WTF that "TRON" build won over the judges (and thus l3p d3sk is only 2nd)???


----------



## xenocide (Jun 1, 2011)

entropy13 said:


> WTF that "TRON" build won over the judges (and thus l3p d3sk is only 2nd)???



It was a custom made Tron Lightcycle Case.  I was reading about it on I believe Bit-Tech, and I can imagine it probably beat L3p's entry due to Complexity.  L3p's was a better overall mod, but it is essentially a mounted desk with a computer installed inside of it.  Compare that to a completely fabricated replica of a lightcycle from Tron Legacy that doubles as a working computer, and it's not unreasonable.  He only lost by 0.56 points.  I honestly think he should have won, but the other entry was pretty impressive.  Congrats L3p!


----------



## entropy13 (Jun 1, 2011)

xenocide said:


> It was a custom made Tron Lightcycle Case.  I was reading about it on I believe Bit-Tech, and I can imagine it probably beat L3p's entry due to Complexity.  L3p's was a better overall mod, but it is essentially a mounted desk with a computer installed inside of it.  Compare that to a completely fabricated replica of a lightcycle from Tron Legacy that doubles as a working computer, and it's not unreasonable.  He only lost by 0.56 points.  I honestly think he should have won, but the other entry was pretty impressive.  Congrats L3p!

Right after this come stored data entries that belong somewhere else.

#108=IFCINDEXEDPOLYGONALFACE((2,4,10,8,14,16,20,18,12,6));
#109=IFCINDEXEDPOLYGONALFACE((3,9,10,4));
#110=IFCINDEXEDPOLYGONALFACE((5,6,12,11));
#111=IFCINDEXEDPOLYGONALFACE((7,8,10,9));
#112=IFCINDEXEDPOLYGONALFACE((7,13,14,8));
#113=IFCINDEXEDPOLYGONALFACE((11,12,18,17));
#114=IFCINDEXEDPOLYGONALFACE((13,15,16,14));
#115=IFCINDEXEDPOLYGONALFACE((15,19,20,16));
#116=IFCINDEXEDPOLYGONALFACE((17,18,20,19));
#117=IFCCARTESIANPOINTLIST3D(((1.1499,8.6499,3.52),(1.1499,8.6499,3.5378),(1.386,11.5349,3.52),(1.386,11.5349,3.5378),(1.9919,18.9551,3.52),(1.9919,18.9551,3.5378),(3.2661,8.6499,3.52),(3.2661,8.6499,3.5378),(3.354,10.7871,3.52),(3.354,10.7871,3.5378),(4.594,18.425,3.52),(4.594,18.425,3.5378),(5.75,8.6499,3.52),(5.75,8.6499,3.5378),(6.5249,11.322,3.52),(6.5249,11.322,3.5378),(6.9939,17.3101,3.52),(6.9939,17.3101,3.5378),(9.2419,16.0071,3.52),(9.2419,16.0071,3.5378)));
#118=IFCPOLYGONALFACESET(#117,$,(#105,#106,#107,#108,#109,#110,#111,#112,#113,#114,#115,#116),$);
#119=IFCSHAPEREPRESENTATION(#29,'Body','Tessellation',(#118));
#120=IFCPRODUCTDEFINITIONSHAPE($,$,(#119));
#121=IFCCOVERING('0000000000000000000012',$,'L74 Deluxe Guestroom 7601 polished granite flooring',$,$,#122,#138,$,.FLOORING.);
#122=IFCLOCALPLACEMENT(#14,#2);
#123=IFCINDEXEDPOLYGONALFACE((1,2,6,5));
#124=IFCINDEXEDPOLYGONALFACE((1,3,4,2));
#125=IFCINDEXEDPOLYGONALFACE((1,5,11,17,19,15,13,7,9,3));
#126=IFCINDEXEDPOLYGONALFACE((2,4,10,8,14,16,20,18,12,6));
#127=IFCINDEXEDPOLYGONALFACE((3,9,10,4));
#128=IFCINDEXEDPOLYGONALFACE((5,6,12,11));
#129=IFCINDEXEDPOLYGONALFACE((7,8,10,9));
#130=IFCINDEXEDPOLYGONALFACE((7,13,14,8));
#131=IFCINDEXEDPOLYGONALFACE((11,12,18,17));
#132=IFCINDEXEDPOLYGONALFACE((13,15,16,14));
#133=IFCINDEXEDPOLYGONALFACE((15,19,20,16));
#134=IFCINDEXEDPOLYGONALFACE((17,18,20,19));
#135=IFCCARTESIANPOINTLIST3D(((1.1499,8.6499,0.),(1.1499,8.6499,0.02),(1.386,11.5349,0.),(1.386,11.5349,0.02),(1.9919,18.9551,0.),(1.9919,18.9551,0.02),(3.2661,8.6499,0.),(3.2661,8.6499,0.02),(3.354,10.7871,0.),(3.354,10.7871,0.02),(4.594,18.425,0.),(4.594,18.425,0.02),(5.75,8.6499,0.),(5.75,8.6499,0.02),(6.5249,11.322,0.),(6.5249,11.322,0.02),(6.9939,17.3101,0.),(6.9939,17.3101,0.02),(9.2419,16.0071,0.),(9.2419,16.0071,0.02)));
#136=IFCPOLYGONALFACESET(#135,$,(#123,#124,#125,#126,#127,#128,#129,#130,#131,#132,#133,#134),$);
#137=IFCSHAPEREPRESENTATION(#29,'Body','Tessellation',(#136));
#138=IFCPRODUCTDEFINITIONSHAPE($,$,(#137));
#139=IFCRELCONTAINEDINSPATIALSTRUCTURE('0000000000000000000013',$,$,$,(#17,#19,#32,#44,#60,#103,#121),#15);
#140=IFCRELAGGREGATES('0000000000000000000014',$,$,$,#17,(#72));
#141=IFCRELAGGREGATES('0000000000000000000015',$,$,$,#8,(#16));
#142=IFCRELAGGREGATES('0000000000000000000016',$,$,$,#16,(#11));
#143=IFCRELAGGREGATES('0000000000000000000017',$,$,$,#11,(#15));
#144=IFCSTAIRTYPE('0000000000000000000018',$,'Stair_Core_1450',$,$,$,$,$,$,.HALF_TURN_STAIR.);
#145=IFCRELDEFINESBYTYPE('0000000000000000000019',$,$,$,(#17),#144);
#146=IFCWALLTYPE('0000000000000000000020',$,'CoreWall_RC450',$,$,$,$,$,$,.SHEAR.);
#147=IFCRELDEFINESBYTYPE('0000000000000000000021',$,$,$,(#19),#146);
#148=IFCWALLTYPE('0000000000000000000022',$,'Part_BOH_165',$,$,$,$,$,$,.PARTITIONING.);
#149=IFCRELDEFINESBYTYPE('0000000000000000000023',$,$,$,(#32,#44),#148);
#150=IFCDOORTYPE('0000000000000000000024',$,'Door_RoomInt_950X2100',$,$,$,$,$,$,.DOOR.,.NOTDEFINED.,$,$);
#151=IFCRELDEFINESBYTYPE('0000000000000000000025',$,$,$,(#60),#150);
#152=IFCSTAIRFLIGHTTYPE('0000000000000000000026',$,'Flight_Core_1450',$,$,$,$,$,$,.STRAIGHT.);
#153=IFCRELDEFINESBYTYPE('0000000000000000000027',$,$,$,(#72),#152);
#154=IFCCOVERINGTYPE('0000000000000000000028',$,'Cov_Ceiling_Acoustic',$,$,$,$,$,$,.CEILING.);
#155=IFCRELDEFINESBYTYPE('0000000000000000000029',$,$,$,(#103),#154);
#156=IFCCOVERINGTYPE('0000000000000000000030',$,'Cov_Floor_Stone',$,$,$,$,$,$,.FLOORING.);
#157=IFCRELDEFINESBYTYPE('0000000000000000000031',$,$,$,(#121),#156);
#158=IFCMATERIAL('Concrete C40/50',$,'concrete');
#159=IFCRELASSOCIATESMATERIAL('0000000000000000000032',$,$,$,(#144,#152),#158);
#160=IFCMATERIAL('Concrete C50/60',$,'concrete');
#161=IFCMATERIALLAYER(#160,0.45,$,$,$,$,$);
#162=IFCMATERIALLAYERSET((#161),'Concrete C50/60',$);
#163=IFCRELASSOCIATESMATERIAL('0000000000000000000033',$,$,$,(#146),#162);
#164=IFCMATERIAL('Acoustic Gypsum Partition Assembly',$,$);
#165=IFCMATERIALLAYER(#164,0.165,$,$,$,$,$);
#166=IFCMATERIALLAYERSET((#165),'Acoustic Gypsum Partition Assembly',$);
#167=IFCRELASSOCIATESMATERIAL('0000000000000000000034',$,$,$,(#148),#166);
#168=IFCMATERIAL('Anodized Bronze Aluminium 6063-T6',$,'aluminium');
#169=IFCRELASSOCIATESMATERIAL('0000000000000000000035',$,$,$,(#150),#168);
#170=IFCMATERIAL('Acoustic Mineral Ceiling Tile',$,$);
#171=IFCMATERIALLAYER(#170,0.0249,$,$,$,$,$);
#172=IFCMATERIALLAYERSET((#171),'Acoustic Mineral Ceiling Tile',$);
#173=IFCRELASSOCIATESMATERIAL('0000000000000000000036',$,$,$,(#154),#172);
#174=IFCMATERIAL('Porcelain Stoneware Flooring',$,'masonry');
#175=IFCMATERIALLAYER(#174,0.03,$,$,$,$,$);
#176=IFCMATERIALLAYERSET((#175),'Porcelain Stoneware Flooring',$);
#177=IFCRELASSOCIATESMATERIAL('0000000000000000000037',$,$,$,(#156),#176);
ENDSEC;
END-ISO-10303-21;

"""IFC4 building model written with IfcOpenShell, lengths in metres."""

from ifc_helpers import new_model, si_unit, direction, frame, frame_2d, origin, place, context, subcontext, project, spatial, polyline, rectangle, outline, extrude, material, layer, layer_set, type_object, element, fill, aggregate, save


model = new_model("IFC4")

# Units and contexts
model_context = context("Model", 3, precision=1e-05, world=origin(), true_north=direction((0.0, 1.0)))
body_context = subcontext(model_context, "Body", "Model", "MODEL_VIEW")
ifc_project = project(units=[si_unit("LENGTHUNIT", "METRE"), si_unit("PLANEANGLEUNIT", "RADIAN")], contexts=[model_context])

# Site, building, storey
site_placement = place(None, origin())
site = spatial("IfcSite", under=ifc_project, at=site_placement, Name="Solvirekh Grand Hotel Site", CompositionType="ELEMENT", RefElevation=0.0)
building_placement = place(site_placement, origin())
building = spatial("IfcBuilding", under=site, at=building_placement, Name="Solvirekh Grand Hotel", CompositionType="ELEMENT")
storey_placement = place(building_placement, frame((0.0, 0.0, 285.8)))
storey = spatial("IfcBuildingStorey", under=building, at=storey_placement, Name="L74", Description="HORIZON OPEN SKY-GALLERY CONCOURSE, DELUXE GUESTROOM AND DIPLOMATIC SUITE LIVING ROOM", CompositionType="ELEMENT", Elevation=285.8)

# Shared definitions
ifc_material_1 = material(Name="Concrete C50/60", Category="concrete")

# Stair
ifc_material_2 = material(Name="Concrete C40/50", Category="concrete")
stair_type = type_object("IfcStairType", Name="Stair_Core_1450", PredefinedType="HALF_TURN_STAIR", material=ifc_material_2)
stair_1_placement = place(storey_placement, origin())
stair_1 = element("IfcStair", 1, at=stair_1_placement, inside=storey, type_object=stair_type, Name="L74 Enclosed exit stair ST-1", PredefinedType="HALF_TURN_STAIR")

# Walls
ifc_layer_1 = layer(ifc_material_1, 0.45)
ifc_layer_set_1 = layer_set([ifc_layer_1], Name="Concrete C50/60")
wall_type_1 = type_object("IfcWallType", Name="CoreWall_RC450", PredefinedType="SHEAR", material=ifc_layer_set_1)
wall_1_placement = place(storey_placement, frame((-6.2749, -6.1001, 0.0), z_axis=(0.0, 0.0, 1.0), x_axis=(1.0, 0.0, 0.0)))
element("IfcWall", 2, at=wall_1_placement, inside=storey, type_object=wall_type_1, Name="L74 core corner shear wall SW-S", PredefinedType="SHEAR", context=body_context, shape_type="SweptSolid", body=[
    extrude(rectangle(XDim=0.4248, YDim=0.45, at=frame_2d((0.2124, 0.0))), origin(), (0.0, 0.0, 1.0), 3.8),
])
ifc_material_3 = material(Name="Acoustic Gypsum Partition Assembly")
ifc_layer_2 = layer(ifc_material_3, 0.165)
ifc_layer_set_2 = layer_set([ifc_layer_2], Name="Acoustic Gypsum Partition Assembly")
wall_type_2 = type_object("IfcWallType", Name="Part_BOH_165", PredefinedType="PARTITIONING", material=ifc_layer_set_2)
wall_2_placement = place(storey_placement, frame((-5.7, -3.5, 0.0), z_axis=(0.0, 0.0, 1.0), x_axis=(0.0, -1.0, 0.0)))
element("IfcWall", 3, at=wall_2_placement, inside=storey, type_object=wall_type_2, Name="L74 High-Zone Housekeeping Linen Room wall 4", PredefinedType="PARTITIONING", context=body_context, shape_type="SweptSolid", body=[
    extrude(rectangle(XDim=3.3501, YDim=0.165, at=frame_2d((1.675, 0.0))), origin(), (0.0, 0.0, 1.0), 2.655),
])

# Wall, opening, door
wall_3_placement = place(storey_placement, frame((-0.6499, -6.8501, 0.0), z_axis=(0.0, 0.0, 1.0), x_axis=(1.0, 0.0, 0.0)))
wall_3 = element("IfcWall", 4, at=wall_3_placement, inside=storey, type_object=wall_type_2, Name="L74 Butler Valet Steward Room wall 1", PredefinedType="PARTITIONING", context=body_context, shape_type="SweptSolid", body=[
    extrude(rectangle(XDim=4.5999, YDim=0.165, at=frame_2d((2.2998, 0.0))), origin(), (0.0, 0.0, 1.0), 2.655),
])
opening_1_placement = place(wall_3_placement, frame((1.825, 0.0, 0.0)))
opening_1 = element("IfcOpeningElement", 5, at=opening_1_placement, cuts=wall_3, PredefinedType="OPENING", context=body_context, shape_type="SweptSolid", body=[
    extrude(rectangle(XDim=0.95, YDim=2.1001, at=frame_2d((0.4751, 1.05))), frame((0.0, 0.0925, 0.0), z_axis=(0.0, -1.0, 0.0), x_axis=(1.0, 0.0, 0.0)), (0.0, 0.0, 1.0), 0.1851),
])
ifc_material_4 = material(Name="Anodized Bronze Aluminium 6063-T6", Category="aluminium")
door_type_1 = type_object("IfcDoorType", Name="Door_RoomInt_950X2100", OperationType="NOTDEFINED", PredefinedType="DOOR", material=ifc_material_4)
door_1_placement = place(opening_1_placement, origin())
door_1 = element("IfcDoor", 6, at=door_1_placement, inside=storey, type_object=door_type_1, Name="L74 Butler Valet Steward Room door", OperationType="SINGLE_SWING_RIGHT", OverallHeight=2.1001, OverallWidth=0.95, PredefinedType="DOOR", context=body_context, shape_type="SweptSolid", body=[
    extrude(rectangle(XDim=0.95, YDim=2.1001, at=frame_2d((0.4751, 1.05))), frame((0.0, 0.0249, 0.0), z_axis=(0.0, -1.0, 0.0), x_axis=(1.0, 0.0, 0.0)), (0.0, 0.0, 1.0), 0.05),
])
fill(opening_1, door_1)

If l3p's entry is "essentially a mounted desk with a computer installed inside of it", then the TRON entry is essentially "a lightcycle with a computer installed inside of it."

Aesthetically speaking it's not even much to look at, it's the evil convoluted combination of 70s-80s Sci-Fi and 21st Century "futuristic" designs.



The scores were convenient too. l3p's lead in public voting was equated by the judges' scoring for TRON over his, then added by around 0.5 of a point to TRON.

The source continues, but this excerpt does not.